Exercise “Gluteus bridge”:
- The initial position is lying on the mat on the back, feet on the fitball and tightly pressed.
- On inspiration, the pelvis goes up, without excessive bending. Stay in this position for a few seconds.
- As you exhale, drop to the floor.
Reverse Bridge Exercise:
- Initial position – lying on a rug on his back, the ball is pressed to the floor with his ankles, hands along the body.
- On inspiration with tension of the muscles of the buttocks and abs, raise the pelvis and roll the ball to you. Stay in this position for 60 seconds or longer.
- Repeat the exercise, not returning fully to the initial position, but maintaining balance due to support on the hands.
- Legs at shoulder level, arms bent at the elbows and pressed to the body.
- Take a step to the platform, hands go up.
- Become in a starting position, hands down.
- Repeat on the other leg as many times as needed.
Of these exercises, dumbbells can complement all the squats, lunges and steps.
You can add to them:
- Lunges to the side. Dumbbells in hands, arms bent at the elbows. Lean the whole body forward until an angle of 45 degrees is formed. Take the pelvis back. Next, take one step to the side with a squat on the leading leg, the second leg remains straight.
- Steps. For this exercise you will need a step platform.
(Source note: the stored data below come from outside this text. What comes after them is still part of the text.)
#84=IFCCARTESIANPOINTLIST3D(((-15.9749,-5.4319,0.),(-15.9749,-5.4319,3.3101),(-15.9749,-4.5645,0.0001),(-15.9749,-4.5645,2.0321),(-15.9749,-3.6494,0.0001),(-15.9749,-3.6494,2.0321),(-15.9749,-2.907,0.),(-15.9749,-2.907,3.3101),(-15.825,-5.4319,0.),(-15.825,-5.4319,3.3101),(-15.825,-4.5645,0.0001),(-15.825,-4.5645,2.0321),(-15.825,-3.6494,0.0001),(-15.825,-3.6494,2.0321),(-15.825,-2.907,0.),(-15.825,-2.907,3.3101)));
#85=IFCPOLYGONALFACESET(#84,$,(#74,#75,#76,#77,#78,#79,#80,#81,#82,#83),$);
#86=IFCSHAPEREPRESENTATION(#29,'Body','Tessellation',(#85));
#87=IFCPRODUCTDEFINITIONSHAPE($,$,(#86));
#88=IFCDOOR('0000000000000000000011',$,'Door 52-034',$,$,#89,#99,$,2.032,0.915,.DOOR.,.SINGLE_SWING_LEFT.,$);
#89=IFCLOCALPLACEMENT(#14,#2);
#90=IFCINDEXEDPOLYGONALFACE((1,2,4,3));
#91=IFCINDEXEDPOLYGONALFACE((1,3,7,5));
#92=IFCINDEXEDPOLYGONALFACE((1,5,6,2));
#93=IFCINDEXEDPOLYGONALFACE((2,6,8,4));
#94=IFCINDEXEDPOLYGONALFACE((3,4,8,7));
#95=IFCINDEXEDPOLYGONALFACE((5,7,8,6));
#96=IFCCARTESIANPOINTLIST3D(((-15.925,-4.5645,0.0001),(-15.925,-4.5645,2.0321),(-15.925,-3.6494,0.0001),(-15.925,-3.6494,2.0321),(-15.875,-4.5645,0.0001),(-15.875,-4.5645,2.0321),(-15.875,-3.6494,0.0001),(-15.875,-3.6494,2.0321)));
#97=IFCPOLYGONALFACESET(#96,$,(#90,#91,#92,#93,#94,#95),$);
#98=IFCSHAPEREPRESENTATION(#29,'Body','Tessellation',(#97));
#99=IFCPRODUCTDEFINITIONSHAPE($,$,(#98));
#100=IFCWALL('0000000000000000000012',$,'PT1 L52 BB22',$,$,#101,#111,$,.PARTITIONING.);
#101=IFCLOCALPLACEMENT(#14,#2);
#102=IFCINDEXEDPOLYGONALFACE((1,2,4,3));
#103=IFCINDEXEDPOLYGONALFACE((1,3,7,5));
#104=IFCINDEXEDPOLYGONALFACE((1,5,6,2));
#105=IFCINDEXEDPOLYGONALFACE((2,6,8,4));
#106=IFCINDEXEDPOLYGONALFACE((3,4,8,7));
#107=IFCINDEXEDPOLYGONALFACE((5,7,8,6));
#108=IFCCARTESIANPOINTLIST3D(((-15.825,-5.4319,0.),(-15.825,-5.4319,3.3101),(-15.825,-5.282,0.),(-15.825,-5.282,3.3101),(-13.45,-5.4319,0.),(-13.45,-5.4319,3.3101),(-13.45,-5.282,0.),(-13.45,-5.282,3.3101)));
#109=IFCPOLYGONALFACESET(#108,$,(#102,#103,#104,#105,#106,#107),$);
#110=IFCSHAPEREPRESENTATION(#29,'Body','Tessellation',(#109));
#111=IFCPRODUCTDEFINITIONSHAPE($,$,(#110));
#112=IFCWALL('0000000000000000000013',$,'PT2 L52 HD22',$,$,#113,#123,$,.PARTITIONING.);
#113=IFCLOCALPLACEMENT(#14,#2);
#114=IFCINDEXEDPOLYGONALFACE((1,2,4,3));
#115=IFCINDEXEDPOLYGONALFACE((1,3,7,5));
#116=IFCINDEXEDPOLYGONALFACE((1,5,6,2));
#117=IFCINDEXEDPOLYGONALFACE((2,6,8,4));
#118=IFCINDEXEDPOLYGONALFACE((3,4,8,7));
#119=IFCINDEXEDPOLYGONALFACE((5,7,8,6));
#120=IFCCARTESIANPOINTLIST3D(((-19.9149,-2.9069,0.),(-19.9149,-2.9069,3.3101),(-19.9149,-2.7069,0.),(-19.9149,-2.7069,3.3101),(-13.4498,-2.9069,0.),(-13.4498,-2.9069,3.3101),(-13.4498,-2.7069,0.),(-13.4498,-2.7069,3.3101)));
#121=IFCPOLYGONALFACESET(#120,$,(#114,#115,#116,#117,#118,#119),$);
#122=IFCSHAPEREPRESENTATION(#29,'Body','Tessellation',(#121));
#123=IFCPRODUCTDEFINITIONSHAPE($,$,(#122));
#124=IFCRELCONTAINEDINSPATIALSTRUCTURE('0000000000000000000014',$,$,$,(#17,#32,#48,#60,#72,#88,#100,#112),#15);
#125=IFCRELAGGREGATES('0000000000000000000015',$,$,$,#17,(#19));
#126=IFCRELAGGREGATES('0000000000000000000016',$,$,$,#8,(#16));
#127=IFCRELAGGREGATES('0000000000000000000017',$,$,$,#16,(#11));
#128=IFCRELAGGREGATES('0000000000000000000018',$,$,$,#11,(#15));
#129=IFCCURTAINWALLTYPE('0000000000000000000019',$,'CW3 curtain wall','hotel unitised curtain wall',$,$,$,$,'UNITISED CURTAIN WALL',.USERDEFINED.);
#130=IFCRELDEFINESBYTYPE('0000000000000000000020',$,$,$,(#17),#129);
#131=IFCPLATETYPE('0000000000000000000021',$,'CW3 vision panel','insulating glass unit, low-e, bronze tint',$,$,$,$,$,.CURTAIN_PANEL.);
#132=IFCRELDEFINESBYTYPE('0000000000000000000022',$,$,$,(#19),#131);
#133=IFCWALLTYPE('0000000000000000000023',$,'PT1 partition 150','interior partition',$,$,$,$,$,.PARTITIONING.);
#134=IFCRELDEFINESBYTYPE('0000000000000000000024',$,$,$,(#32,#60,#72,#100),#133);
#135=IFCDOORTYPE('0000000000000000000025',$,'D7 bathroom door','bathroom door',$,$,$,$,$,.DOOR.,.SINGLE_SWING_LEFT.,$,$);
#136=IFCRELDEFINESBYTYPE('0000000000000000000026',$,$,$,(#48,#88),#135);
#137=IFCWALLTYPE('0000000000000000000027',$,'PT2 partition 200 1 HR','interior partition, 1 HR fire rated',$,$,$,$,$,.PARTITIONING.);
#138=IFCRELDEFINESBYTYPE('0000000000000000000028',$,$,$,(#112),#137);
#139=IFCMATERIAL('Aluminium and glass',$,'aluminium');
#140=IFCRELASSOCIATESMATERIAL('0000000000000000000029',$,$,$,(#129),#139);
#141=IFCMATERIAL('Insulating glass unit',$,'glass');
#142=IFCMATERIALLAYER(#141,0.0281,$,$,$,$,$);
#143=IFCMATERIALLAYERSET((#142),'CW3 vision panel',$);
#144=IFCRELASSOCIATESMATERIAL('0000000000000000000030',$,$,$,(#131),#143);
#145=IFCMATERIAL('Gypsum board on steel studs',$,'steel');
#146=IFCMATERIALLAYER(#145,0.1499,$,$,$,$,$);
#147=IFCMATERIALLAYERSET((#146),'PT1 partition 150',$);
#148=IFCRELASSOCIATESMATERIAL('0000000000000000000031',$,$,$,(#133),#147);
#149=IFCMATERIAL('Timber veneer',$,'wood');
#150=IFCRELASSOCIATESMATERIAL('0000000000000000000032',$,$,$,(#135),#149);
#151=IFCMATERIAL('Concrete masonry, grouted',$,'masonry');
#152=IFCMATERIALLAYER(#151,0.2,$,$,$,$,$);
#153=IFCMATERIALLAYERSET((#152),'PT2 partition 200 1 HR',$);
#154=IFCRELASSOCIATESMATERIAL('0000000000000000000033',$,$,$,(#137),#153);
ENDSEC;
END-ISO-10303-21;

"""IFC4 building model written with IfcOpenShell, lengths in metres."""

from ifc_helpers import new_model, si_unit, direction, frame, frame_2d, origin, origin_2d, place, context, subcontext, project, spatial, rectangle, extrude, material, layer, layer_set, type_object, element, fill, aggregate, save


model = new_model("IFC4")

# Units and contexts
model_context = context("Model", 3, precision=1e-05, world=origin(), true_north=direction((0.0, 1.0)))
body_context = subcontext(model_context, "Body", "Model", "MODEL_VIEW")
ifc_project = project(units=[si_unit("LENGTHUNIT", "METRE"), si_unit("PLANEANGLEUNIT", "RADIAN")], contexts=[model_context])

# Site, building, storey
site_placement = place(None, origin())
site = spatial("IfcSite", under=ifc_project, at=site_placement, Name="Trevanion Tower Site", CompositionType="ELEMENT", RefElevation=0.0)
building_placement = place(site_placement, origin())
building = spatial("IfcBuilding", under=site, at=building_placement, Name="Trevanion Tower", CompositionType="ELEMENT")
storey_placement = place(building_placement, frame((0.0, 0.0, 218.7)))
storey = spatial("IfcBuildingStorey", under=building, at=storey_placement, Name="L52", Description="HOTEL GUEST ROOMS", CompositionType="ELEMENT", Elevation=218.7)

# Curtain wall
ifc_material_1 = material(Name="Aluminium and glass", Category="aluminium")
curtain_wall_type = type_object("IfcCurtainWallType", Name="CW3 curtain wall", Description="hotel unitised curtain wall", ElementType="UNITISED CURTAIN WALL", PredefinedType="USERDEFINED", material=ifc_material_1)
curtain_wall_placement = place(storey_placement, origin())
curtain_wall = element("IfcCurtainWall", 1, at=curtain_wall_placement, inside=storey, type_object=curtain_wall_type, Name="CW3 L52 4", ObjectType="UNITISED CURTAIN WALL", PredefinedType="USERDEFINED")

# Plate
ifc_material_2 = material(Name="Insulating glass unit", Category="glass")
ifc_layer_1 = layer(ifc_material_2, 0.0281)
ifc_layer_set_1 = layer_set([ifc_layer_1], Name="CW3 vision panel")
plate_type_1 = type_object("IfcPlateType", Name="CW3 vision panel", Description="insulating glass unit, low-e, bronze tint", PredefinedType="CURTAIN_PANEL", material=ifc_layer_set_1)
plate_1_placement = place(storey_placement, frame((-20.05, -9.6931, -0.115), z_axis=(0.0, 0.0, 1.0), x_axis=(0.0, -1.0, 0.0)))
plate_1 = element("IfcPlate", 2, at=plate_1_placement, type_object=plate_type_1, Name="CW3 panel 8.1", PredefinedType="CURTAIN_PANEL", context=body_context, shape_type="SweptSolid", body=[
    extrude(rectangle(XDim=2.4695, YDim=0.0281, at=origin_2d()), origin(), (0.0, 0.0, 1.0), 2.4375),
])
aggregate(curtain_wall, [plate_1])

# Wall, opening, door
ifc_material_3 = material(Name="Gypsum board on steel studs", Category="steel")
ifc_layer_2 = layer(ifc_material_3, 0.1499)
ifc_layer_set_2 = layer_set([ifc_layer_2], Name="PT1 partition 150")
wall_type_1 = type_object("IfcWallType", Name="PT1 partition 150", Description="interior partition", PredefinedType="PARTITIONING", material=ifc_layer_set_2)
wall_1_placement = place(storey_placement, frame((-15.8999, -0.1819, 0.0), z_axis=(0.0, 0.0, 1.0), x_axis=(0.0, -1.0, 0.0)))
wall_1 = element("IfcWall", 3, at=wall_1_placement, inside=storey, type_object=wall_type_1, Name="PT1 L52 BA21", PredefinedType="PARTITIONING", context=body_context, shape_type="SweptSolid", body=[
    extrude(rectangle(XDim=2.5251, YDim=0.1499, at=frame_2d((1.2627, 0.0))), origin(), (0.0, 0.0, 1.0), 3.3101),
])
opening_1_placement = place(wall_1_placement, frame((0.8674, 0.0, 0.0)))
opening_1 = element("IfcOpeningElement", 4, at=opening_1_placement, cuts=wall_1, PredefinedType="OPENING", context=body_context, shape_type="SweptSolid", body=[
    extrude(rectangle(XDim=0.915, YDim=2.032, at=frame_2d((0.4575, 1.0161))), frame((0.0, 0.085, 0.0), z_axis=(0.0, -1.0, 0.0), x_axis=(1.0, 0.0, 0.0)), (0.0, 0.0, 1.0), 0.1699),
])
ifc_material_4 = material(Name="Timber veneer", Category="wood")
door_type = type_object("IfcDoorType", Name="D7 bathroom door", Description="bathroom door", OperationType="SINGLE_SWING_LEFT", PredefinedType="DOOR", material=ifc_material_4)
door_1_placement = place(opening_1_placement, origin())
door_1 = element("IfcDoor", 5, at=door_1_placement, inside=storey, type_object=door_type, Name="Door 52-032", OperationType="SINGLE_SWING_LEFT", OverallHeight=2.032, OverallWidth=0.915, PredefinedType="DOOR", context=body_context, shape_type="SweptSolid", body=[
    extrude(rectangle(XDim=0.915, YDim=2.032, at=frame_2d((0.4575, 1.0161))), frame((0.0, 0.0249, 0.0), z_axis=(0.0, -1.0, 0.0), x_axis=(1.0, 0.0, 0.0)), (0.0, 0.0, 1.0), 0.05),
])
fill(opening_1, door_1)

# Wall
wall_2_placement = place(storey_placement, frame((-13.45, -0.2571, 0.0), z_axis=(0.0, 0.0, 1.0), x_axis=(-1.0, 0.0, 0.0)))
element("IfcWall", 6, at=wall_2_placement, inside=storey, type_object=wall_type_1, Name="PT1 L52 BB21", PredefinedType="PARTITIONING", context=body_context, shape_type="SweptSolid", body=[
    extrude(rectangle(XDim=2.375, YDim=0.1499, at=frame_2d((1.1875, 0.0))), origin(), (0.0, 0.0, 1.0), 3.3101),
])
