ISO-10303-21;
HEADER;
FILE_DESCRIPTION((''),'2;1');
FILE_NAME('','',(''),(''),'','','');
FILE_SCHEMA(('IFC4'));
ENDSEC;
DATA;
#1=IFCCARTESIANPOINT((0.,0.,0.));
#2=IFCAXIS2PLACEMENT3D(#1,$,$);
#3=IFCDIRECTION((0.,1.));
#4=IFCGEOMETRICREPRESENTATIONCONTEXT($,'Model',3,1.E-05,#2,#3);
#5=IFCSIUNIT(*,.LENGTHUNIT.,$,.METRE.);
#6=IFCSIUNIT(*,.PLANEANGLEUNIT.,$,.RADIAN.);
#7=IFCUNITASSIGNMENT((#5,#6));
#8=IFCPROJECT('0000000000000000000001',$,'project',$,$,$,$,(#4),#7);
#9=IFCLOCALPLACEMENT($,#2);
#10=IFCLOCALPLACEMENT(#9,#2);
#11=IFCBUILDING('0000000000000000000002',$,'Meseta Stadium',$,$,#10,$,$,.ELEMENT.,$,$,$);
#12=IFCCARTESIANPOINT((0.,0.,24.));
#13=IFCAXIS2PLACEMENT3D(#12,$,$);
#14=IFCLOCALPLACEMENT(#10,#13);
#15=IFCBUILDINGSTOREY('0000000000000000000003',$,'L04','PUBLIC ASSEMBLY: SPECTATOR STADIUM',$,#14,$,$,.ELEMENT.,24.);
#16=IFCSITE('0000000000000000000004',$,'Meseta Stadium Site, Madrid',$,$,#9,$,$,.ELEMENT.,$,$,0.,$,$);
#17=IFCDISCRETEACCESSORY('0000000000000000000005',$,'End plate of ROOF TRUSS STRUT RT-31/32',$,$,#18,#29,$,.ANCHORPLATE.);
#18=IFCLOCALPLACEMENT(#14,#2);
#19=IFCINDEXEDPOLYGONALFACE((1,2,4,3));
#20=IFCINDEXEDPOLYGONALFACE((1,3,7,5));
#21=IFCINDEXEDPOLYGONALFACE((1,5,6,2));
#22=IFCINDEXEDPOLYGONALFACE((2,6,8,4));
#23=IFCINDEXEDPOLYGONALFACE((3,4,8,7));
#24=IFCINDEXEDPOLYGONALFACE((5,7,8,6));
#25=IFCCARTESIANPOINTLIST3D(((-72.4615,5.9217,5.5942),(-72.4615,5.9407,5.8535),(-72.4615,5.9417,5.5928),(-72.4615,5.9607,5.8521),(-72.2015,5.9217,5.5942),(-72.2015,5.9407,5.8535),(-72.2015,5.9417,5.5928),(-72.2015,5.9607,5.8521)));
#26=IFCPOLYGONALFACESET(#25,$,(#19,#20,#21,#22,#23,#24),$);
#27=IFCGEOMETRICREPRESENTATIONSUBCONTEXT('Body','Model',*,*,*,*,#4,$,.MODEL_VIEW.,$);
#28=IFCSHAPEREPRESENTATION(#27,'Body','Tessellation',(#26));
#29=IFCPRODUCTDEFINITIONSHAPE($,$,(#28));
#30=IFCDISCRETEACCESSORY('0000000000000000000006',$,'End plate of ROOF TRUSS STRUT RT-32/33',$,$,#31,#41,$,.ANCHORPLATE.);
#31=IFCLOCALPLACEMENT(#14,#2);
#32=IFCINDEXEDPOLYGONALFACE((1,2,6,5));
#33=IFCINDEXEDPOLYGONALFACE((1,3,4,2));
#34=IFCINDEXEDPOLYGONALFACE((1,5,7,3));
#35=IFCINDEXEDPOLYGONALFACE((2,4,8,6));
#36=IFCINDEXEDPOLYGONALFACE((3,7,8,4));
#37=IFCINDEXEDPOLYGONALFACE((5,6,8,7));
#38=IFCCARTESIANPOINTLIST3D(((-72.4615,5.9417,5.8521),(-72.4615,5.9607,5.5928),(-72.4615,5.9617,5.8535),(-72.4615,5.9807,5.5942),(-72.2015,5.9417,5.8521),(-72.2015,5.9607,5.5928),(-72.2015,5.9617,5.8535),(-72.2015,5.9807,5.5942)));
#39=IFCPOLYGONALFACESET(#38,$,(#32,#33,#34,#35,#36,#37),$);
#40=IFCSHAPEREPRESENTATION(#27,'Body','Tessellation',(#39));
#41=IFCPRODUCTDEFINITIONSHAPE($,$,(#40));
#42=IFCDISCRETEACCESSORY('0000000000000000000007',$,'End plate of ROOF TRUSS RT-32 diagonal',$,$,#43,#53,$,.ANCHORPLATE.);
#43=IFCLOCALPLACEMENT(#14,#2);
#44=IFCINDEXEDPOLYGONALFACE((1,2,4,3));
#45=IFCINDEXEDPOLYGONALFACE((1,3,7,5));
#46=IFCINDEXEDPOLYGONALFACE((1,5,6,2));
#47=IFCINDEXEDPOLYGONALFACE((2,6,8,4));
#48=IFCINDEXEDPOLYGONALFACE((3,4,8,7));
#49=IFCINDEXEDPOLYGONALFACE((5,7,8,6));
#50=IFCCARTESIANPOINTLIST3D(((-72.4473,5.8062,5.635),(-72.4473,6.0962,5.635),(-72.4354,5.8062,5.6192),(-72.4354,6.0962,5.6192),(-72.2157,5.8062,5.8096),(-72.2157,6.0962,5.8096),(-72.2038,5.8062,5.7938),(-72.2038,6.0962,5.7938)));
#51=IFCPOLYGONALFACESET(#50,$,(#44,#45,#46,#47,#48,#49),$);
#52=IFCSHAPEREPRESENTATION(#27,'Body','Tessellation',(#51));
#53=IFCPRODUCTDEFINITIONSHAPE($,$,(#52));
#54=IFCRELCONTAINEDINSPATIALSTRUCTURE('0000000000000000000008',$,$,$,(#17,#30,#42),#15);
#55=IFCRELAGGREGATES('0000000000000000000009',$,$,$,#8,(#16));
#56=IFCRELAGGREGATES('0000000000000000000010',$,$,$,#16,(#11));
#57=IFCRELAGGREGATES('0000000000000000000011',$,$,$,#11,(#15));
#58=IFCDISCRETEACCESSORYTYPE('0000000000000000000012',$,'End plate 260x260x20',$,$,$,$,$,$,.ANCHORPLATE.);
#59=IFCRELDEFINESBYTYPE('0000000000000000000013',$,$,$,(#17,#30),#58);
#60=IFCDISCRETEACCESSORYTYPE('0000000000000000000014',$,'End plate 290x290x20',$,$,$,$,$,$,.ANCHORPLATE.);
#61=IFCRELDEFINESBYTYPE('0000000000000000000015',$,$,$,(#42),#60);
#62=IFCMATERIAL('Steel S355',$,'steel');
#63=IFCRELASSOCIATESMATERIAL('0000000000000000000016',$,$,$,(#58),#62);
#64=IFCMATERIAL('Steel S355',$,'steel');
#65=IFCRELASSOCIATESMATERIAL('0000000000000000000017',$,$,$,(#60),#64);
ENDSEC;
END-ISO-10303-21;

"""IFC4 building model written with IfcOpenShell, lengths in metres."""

from ifc_helpers import new_model, si_unit, direction, frame, origin, origin_2d, place, context, subcontext, project, spatial, rectangle, extrude, material, material_profile, profile_set, type_object, element, save


model = new_model("IFC4")

# Units and contexts
model_context = context("Model", 3, precision=1e-05, world=origin(), true_north=direction((0.0, 1.0)))
body_context = subcontext(model_context, "Body", "Model", "MODEL_VIEW")
ifc_project = project(units=[si_unit("LENGTHUNIT", "METRE"), si_unit("PLANEANGLEUNIT", "RADIAN")], contexts=[model_context])

# Site, building, storey
site_placement = place(None, origin())
site = spatial("IfcSite", under=ifc_project, at=site_placement, Name="Meseta Stadium Site, Madrid", CompositionType="ELEMENT", RefElevation=0.0)
building_placement = place(site_placement, origin())
building = spatial("IfcBuilding", under=site, at=building_placement, Name="Meseta Stadium", CompositionType="ELEMENT")
storey_placement = place(building_placement, frame((0.0, 0.0, 24.0)))
storey = spatial("IfcBuildingStorey", under=building, at=storey_placement, Name="L04", Description="PUBLIC ASSEMBLY: SPECTATOR STADIUM", CompositionType="ELEMENT", Elevation=24.0)

# Discrete accessories
ifc_material_1 = material(Name="Steel S355", Category="steel")
ifc_material_profile_1 = material_profile(ifc_material_1, rectangle(XDim=0.26, YDim=0.26, at=origin_2d()), Name="PL 260x260")
ifc_profile_set_1 = profile_set([ifc_material_profile_1], Name="Steel S355")
discrete_accessory_type_1 = type_object("IfcDiscreteAccessoryType", Name="End plate 260x260x20", PredefinedType="ANCHORPLATE", material=ifc_profile_set_1)
for number, where, z_axis, x_axis, name in (
    (1, (-72.3315, 5.9512, 5.7224), (0.0, -0.997334, 0.072976), (1.0, 0.0, 0.0), "End plate of ROOF TRUSS STRUT RT-31/32"),
    (2, (-72.3315, 5.9712, 5.7239), (0.0, -0.997334, -0.072976), (1.0, 0.0, 0.0), "End plate of ROOF TRUSS STRUT RT-32/33"),
):
    element("IfcDiscreteAccessory", number, at=place(storey_placement, frame(where, z_axis=z_axis, x_axis=x_axis)), inside=storey, type_object=discrete_accessory_type_1, Name=name, PredefinedType="ANCHORPLATE", context=body_context, shape_type="SweptSolid", body=[
        extrude(rectangle(XDim=0.26, YDim=0.26, at=origin_2d()), origin(), (0.0, 0.0, 1.0), 0.02),
    ])
ifc_material_2 = material(Name="Steel S355", Category="steel")
ifc_material_profile_2 = material_profile(ifc_material_2, rectangle(XDim=0.29, YDim=0.29, at=origin_2d()), Name="PL 290x290")
ifc_profile_set_2 = profile_set([ifc_material_profile_2], Name="Steel S355")
discrete_accessory_type_2 = type_object("IfcDiscreteAccessoryType", Name="End plate 290x290x20", PredefinedType="ANCHORPLATE", material=ifc_profile_set_2)
discrete_accessory_1_placement = place(storey_placement, frame((-72.3196, 5.9512, 5.7065), z_axis=(-0.601964, 0.0, 0.798523), x_axis=(0.0, -1.0, 0.0)))
element("IfcDiscreteAccessory", 3, at=discrete_accessory_1_placement, inside=storey, type_object=discrete_accessory_type_2, Name="End plate of ROOF TRUSS RT-32 diagonal", PredefinedType="ANCHORPLATE", context=body_context, shape_type="SweptSolid", body=[
    extrude(rectangle(XDim=0.29, YDim=0.29, at=origin_2d()), origin(), (0.0, 0.0, 1.0), 0.0198),
])

save(model, "model.ifc")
Step one step at a time with each foot, pressing the dumbbells to the sides. You can perform the exercise on an ordinary staircase or build a small elevation from improvised materials, the main thing is that it is stable.
To create a greater load on the muscles of the buttocks during training on an ellipsoid, there are 3 options:
- Perform walking on slightly bent legs, in a semi-squat.
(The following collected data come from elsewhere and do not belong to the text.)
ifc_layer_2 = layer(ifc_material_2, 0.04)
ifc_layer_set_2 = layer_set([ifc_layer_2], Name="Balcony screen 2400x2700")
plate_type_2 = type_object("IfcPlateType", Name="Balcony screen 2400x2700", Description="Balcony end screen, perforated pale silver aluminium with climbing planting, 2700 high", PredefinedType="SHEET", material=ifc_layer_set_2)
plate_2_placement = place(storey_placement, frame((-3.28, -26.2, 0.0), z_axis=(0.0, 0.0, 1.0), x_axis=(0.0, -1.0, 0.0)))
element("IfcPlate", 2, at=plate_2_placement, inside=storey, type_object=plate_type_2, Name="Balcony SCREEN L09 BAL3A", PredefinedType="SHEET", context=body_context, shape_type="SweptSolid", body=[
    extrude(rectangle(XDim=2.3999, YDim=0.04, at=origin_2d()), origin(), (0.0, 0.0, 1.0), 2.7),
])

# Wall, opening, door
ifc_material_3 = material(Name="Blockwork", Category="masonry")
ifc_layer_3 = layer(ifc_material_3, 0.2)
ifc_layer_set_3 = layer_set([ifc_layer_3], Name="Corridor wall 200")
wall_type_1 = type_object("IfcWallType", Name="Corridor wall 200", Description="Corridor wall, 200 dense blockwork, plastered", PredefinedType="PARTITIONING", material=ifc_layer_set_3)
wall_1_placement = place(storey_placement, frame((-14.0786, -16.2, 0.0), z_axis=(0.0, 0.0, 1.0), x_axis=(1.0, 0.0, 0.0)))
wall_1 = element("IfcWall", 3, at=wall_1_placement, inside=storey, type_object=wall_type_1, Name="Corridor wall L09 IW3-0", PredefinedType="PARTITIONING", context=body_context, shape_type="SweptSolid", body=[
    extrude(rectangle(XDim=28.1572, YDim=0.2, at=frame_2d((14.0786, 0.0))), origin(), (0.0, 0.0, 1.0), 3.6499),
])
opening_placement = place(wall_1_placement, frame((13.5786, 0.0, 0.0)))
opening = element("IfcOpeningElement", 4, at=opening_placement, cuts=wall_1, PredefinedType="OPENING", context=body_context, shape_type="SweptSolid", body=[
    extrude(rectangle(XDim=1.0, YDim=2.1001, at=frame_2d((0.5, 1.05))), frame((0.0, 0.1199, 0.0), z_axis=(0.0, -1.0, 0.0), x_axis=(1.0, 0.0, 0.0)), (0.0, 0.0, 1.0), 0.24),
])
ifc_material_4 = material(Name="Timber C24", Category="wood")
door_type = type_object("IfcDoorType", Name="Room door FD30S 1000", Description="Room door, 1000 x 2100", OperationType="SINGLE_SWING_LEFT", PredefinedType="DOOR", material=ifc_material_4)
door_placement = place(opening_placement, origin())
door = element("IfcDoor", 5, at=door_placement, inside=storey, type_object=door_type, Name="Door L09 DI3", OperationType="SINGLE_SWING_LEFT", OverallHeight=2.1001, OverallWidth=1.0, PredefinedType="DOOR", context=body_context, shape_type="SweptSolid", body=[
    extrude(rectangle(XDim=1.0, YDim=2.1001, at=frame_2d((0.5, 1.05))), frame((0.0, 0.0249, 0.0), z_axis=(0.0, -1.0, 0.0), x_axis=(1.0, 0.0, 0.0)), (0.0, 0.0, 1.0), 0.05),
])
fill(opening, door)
- Walk in the opposite direction.
- Walk with the body tilted forward.
The main condition for the appearance of training results is their regularity. It is better to moderate, but constantly train once a week, than from time to time to overload the body. You need to be prepared for the fact that visible results will not appear immediately.
It is believed that about a month will be required in order to see the changes yourself, and about 3, so that others begin to notice them.
A useful tip is to find a way to maintain sports interest so that constant exercises for the buttocks do not become a burden over time. At home, you will have to look for your own way to draw inspiration and continue to work, among them:
- It is useful to photograph yourself every week, because changes occur gradually and may go unnoticed.
- It’s also good to keep a training diary to track your dynamics – what is done, when and how much. The number of approaches, the weight of dumbbells – all this is important, and most importantly – motivating information.
And last but not least. To build a slim figure, training alone is not enough, this is only half of the success components. The second half is a balanced diet. The balance of proteins, fats and carbohydrates must be correctly varied depending on the specific goals of training. Only in a combination of training and the right diet will it be possible to achieve the desired changes.